El hombre que estaba a la cabecera de la mesa resopló con frialdad: "¿Acaso la corte imperial lo ha dispuesto todo?"
"Todo está preparado. Las cinco mil tropas de élite del general Canghu ya han acampado en los alrededores del valle de Baiwen y pueden atacar de inmediato."
—¿Cinco mil? —El hombre sentado a la cabecera de la mesa reflexionó un momento—. Si no fuera por Baili Qingyi, cinco mil soldados de élite serían más que suficientes, pero con él...

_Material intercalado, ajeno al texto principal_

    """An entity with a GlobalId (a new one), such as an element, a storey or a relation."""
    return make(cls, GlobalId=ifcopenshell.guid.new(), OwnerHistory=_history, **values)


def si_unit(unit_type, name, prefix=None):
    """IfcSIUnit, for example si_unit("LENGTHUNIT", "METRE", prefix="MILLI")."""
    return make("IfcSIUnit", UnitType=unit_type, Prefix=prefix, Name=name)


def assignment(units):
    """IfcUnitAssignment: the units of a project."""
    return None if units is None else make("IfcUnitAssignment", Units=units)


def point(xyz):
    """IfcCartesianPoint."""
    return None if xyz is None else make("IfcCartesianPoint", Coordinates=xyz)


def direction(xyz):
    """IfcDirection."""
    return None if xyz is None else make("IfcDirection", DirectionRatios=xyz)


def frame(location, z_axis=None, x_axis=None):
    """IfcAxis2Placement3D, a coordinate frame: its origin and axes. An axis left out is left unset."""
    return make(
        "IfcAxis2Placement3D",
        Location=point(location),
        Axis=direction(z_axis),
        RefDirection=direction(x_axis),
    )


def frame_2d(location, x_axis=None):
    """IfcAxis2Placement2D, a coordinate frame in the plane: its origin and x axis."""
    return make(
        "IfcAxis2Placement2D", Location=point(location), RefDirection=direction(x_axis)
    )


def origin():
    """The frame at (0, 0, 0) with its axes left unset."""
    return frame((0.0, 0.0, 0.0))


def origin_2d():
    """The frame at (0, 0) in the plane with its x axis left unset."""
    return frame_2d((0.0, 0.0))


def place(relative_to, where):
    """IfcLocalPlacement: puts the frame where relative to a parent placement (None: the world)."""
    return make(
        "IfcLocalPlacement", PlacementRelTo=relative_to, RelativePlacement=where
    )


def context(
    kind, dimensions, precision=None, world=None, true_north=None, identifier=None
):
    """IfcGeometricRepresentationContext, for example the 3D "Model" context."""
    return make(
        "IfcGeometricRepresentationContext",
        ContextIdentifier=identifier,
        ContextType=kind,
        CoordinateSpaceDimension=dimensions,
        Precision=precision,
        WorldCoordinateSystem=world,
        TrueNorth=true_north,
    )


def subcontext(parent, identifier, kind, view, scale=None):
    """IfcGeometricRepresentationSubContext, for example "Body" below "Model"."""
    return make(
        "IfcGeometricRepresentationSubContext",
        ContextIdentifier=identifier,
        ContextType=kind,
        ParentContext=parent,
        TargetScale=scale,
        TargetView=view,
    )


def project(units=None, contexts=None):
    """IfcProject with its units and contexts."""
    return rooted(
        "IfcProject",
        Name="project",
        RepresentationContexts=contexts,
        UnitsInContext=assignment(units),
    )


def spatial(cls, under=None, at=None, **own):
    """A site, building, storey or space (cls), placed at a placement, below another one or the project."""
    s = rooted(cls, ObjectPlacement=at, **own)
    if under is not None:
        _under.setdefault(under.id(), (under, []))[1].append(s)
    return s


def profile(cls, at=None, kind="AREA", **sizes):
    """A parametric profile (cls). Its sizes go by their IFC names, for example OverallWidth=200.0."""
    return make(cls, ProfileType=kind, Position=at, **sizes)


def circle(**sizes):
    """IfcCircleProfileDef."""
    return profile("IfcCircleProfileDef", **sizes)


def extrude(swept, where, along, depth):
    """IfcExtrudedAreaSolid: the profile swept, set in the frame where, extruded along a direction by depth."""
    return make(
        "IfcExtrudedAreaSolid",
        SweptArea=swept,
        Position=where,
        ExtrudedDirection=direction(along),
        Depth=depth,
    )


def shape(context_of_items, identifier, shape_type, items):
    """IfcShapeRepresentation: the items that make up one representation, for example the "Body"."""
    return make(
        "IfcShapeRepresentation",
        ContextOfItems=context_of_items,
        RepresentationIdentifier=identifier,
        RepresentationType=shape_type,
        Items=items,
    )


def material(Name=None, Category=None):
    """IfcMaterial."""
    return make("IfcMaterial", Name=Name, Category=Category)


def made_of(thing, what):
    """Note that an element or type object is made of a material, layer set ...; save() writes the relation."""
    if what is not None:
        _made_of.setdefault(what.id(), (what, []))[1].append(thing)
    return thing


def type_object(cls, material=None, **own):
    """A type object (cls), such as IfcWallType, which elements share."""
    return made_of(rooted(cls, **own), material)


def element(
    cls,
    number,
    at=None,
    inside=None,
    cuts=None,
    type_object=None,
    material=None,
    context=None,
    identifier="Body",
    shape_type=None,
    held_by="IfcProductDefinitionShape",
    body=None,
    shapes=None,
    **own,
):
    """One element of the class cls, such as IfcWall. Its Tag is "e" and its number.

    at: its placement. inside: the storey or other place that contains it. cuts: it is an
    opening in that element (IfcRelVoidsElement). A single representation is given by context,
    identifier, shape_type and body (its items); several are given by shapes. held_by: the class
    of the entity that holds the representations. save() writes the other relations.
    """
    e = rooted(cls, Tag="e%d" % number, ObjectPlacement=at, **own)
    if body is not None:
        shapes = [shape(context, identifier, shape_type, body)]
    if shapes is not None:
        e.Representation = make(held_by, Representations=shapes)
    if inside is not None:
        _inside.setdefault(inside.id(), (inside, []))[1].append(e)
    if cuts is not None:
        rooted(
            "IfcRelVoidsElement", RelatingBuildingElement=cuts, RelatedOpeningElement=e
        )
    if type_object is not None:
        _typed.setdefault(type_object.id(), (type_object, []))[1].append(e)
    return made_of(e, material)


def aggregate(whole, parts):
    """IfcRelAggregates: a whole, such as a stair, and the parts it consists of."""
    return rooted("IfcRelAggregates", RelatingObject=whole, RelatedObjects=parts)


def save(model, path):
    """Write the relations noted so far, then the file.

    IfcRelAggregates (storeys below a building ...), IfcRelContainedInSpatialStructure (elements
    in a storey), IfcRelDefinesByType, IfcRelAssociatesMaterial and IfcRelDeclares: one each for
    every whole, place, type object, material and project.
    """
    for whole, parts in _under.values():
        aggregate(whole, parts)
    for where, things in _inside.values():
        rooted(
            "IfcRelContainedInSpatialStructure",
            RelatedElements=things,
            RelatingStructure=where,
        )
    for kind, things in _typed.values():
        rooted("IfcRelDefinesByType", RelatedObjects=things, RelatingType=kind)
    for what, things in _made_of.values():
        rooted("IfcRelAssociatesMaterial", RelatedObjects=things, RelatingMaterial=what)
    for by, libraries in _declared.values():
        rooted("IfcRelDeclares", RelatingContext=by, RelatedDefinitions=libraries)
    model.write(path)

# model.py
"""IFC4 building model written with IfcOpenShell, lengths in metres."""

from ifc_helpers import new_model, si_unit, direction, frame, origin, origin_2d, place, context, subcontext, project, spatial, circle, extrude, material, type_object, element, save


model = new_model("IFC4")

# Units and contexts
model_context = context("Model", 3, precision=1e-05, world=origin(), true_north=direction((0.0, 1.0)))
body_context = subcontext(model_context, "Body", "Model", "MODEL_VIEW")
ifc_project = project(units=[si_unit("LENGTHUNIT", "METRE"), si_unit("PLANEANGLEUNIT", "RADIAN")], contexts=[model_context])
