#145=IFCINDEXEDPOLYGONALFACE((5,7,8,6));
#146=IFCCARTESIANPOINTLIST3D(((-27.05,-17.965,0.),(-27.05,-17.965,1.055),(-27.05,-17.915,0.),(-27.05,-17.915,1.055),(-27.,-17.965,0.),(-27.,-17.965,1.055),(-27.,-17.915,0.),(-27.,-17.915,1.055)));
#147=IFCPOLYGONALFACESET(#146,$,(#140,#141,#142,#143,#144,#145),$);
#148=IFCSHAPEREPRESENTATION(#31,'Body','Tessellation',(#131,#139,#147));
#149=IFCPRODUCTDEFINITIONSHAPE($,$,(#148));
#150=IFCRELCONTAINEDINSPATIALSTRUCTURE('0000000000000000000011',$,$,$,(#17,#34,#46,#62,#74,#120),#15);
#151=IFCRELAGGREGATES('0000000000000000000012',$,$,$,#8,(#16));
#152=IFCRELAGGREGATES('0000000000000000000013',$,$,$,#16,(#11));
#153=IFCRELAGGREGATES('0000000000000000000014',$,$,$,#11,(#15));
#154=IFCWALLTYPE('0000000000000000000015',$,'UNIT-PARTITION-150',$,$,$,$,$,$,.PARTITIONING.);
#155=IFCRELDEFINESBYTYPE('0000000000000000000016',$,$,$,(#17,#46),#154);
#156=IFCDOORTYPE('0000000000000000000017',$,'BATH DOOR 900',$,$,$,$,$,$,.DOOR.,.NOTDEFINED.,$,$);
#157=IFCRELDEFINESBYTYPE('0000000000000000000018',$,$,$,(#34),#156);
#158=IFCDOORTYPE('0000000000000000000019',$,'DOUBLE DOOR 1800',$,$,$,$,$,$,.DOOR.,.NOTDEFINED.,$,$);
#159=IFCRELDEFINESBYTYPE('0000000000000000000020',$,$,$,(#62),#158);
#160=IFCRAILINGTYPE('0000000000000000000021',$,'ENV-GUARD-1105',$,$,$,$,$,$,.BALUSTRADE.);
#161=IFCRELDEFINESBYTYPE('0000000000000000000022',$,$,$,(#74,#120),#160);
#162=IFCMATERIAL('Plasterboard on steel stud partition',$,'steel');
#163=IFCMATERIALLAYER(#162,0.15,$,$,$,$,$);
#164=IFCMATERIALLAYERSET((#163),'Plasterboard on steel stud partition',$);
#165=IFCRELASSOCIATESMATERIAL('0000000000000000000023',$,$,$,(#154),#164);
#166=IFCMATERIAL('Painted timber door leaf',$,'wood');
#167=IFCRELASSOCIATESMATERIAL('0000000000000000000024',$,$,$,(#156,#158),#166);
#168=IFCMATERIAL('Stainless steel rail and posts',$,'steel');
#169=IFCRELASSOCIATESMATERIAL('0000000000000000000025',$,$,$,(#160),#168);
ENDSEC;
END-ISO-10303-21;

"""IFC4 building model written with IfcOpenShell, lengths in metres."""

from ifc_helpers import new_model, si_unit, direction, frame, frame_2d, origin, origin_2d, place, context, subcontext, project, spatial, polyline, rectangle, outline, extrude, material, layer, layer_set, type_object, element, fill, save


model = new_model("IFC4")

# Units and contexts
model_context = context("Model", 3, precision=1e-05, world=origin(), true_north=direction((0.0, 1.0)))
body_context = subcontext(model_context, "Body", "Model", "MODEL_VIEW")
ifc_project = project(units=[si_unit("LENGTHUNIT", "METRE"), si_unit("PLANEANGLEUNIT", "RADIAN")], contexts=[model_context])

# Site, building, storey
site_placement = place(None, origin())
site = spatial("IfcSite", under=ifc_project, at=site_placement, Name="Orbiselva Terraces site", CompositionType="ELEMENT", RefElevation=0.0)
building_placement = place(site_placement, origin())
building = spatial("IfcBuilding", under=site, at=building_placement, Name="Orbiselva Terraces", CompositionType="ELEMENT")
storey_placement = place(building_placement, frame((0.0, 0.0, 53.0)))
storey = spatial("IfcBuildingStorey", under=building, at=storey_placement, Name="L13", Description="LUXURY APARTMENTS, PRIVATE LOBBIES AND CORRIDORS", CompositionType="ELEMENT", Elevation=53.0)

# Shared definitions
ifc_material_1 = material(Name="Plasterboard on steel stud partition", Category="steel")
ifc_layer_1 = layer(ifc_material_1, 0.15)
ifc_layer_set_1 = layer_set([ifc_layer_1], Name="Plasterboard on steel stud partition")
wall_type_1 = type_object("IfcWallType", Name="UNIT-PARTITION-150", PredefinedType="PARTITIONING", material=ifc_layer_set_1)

"Por muy poderoso que sea Baili Qingyi, sigue siendo solo una persona. Mientras usemos la superioridad numérica, creo que..."
"Idiota." Hubo un repentino desprecio en su voz.
Dejando de lado las incomparables habilidades en artes marciales de Baili Qingyi, y considerando únicamente el poder de la familia Baili, ¿quién en el mundo de las artes marciales se atrevería a no echarle una mano cuando Baili Qingyi esté en problemas?
"¡Amo...Amo!" El hombre de mediana edad se postró en el suelo aterrorizado, sin saber qué había hecho para enfadar a su amo.
"Calvo, hay una cosa más que necesito que hagas." El hombre que estaba a la cabecera de la mesa disimuló su desprecio; aunque esta persona era un necio, aún podía ser útil en cierta medida.
"Por favor, dé sus órdenes, Maestro." El hombre de mediana edad, también conocido como el Buda Sonriente entre las Cinco Estrellas Malignas, respondió con entusiasmo.
"Necesito que alejes a esa gente de las afueras del Valle de las Cien Preguntas para que no arruinen mis planes."
"¿Incluyendo a la gente de la prefectura de Baili?" El Buda Sonriente se secó el sudor de nuevo.
"Incluyendo a personas de la prefectura de Baili."
"¿Y qué hay de la corte imperial...?"
"No tienes que meterte en nada más. Si vuelves a estropearlo..."
"¡No lo sé!", exclamó el Buda Sonriente con sorpresa.
—Será mejor que no lo hagas. —El hombre que estaba a la cabecera de la mesa esbozó una sonrisa fría—. Debería agradecértelo. Si no fuera por ti, la vida de Baili Qingyi no estaría en mis manos.